Through all the processes of learning who and why I was who I was, it never once occurred to me to blame society for my situation … not once. If it came to blame I realized that there was only one entity to blame for my situation. That was God.

Why did He fashion me in a way that confused me and made me a subject for derision and jokes on late night television?

That is an answer I will probably never get in this lifetime. It will be the first question I ask when I at last stand before Him to have my life judged once and for all.

It was up to me to deal with the fact that society had trouble accepting me. The first thing I had to come to grips with, was my own attitude about the way God created me. As I shared in “Dear Mom and Dad”, that solution was to verbally and aloud, say that I would accept His creation as a gift and not a curse. It was undoubtedly the most freeing moment of my life, in more ways than one.

When I eventually became involved in the gender community, the very first thing I realized was that a substantial portion of the gender variant people are an unhappy lot. They seldom smile. They walk around with a chip on their shoulder just begging someone to try to knock it off. Why would anyone want to live their life that way?

I know it’s a simple answer but it is answer that I have found no way to refute. They appear to enjoy being victims of their circumstance. And as such they are required to don a certain persona. That persona is crowned by a furtive frown. It’s as if they walk around looking for rejection and take solace in finding exactly what they are looking for. The problem is that it’s not because of their gender appearance; they exude a fear of what people think about them.

When I finally accepted the way I was, the way God made me, I was free to be happy and when I was happy I smiled. Have you ever noticed that people who smile are practically never ridiculed or scorned? People who are smile and laugh draw people to them … regardless of their gender identity and they seldom suffer discrimination.

And that brings me to the issue of racial discrimination.

I personally have never, ever in my life discriminated against any human being because of the color of their skin … and I know very few people who do

Victimhood is a pernicious disease that I simply have little patience for.  If a person feels that the color of their skin is a reason for being “victimized” then blame God. After all He is the one that made you that way.  I have never in my life been the least bit racially intolerant. When I see a bunch of overpaid ungrateful athletes disrespect our country, and those who have paid the ultimate sacrifice, by refusing to stand and place their hand over their hearts at a football game it makes me angry.

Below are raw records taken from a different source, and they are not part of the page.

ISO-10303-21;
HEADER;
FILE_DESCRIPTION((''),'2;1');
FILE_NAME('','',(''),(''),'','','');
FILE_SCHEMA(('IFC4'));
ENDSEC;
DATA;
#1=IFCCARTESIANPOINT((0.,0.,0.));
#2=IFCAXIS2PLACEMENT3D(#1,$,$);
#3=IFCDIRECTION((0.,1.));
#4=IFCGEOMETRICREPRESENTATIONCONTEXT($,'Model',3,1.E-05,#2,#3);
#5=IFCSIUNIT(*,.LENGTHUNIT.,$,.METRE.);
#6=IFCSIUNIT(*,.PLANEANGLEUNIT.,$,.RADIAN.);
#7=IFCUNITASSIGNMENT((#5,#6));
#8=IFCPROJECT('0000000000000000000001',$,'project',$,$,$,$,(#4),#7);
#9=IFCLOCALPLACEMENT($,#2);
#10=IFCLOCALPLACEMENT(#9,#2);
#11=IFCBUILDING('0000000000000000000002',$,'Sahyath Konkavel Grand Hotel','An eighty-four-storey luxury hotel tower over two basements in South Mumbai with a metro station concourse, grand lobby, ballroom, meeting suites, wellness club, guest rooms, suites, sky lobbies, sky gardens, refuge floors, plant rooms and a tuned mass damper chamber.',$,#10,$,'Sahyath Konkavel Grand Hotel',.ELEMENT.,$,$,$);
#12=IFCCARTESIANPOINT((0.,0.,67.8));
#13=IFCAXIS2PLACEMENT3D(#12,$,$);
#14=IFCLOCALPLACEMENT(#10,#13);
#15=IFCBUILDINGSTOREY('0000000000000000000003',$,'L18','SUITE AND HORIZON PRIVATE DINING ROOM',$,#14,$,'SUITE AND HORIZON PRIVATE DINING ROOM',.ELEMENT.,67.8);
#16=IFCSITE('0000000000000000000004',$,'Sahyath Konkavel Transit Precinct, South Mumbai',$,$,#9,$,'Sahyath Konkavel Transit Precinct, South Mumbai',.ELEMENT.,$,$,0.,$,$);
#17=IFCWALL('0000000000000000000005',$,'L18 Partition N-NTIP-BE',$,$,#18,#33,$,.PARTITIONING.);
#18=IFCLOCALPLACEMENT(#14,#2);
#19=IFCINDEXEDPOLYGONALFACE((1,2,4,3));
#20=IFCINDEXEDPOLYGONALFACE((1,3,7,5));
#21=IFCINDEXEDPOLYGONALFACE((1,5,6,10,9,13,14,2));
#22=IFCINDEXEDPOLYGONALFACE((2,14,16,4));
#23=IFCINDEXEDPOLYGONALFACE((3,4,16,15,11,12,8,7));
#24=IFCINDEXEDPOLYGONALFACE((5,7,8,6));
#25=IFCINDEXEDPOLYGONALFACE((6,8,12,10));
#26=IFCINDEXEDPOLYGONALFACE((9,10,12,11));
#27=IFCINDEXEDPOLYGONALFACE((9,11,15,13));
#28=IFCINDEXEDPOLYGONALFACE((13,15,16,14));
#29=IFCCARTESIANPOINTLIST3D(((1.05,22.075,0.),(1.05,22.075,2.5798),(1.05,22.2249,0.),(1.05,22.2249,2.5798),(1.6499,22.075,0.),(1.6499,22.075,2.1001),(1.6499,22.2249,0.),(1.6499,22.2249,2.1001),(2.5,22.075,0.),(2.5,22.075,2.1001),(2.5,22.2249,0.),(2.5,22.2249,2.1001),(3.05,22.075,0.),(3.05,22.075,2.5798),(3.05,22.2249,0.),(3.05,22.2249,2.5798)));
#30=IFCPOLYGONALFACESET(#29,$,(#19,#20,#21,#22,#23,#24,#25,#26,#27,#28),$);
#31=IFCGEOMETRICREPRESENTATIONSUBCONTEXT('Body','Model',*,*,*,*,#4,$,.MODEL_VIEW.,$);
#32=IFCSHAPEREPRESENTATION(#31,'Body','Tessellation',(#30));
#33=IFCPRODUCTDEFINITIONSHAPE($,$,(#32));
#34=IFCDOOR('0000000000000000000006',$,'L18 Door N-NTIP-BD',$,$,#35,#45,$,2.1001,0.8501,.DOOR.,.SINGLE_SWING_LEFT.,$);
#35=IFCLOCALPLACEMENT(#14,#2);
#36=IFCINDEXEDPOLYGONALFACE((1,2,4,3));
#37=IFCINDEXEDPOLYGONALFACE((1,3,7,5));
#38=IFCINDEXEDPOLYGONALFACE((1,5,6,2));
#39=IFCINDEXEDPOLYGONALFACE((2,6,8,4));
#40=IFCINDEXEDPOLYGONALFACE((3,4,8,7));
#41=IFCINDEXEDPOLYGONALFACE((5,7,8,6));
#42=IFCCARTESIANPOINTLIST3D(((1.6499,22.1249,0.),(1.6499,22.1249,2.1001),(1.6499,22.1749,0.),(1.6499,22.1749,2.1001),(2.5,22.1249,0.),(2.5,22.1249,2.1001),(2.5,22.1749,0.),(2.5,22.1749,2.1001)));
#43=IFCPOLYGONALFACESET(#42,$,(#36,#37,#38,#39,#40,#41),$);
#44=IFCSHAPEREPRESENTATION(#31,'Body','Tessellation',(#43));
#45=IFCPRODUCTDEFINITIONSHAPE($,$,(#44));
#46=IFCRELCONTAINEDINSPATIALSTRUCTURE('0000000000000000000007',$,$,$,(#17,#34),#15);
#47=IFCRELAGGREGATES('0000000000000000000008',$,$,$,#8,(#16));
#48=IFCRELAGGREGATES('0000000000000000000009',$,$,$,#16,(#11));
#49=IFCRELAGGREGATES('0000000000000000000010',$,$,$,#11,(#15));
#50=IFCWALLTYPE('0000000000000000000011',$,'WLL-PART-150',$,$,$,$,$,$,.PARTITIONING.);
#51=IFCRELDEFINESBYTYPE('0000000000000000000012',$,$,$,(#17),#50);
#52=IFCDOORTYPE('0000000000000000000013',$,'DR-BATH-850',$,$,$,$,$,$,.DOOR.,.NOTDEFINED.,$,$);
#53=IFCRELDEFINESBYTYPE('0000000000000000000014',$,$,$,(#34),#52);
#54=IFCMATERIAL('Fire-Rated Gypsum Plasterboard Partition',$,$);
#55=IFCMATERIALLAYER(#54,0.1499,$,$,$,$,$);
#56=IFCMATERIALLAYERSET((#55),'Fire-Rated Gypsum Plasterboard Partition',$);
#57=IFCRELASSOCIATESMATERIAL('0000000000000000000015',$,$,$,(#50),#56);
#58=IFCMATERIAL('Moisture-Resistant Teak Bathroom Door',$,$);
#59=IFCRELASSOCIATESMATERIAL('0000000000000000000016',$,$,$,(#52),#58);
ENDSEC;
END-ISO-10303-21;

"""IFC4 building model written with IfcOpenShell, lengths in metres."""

from ifc_helpers import new_model, si_unit, direction, frame, frame_2d, origin, origin_2d, place, context, subcontext, project, spatial, rectangle, extrude, source, transform, mapped, material, layer, layer_set, type_object, element, fill, save


model = new_model("IFC4")

# Units and contexts
model_context = context("Model", 3, precision=1e-05, world=origin(), true_north=direction((0.0, 1.0)))
body_context = subcontext(model_context, "Body", "Model", "MODEL_VIEW")
ifc_project = project(units=[si_unit("LENGTHUNIT", "METRE"), si_unit("PLANEANGLEUNIT", "RADIAN")], contexts=[model_context])

# Site, building, storey
site_placement = place(None, origin())
site = spatial("IfcSite", under=ifc_project, at=site_placement, Name="Sahyath Konkavel Transit Precinct, South Mumbai", LongName="Sahyath Konkavel Transit Precinct, South Mumbai", CompositionType="ELEMENT", RefElevation=0.0)
building_placement = place(site_placement, origin())
building = spatial("IfcBuilding", under=site, at=building_placement, Name="Sahyath Konkavel Grand Hotel", Description="An eighty-four-storey luxury hotel tower over two basements in South Mumbai with a metro station concourse, grand lobby, ballroom, meeting suites, wellness club, guest rooms, suites, sky lobbies, sky gardens, refuge floors, plant rooms and a tuned mass damper chamber.", LongName="Sahyath Konkavel Grand Hotel", CompositionType="ELEMENT")
storey_placement = place(building_placement, frame((0.0, 0.0, 67.8)))
storey = spatial("IfcBuildingStorey", under=building, at=storey_placement, Name="L18", Description="SUITE AND HORIZON PRIVATE DINING ROOM", LongName="SUITE AND HORIZON PRIVATE DINING ROOM", CompositionType="ELEMENT", Elevation=67.8)

# Shared definitions
ifc_material_1 = material(Name="Fire-Rated Gypsum Plasterboard Partition")
ifc_layer_1 = layer(ifc_material_1, 0.1499)
ifc_layer_set_1 = layer_set([ifc_layer_1], Name="Fire-Rated Gypsum Plasterboard Partition")
wall_type_1 = type_object("IfcWallType", Name="WLL-PART-150", PredefinedType="PARTITIONING", material=ifc_layer_set_1)

# Wall, opening, door
wall_1_placement = place(storey_placement, frame((3.05, 22.1499, 0.0), z_axis=(0.0, 0.0, 1.0), x_axis=(-1.0, 0.0, 0.0)))
wall_1 = element("IfcWall", 1, at=wall_1_placement, inside=storey, type_object=wall_type_1, Name="L18 Partition N-NTIP-BE", PredefinedType="PARTITIONING", context=body_context, shape_type="SweptSolid", body=[
    extrude(rectangle(XDim=2.0, YDim=0.1499, at=frame_2d((1.0, 0.0))), origin(), (0.0, 0.0, 1.0), 2.5798),
])
opening_1_placement = place(wall_1_placement, frame((0.55, 0.0, 0.0)))
opening_1 = element("IfcOpeningElement", 2, at=opening_1_placement, cuts=wall_1, PredefinedType="OPENING", context=body_context, shape_type="SweptSolid", body=[
    extrude(rectangle(XDim=0.8501, YDim=2.1001, at=frame_2d((0.425, 1.05))), frame((0.0, 0.085, 0.0), z_axis=(0.0, -1.0, 0.0), x_axis=(1.0, 0.0, 0.0)), (0.0, 0.0, 1.0), 0.1699),
])
ifc_material_2 = material(Name="Moisture-Resistant Teak Bathroom Door")
door_type_1 = type_object("IfcDoorType", Name="DR-BATH-850", OperationType="NOTDEFINED", PredefinedType="DOOR", material=ifc_material_2)
shared_shape_1 = source(origin(), body_context, "Body", "SweptSolid", [
    extrude(rectangle(XDim=0.8501, YDim=0.05, at=origin_2d()), origin(), (0.0, 0.0, 1.0), 2.1001),
])
door_1_placement = place(opening_1_placement, frame((0.425, 0.0, 0.0)))
door_1 = element("IfcDoor", 3, at=door_1_placement, inside=storey, type_object=door_type_1, Name="L18 Door N-NTIP-BD", OperationType="SINGLE_SWING_LEFT", OverallHeight=2.1001, OverallWidth=0.8501, PredefinedType="DOOR", context=body_context, shape_type="MappedRepresentation", body=[
    mapped(shared_shape_1, transform((0.0, 0.0, 0.0), scale=1.0)),
])
fill(opening_1, door_1)

save(model, "model.ifc")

I think they should all be required to visit central Africa to see first-hand how the majority of “people of color” live in this world.

Get over it. If your skin is black, or some mixture of same, quit feeling sorry for yourself. Knock the black chip off your shoulder and face the fact that everyone faces some sort of discrimination in their lives.  Accept the fact that it was God who made you that way. Society did not make you that way for the sole purpose of discriminating against you.

I don’t discriminate against you because of the color of your skin. I discriminate against you because you choose to be a victim, just as I discriminate against any person fortunate enough to live in this country and chooses the role of victim.

Victimhood is a handy excuse for failing do whatever is required to live up to one’s potential.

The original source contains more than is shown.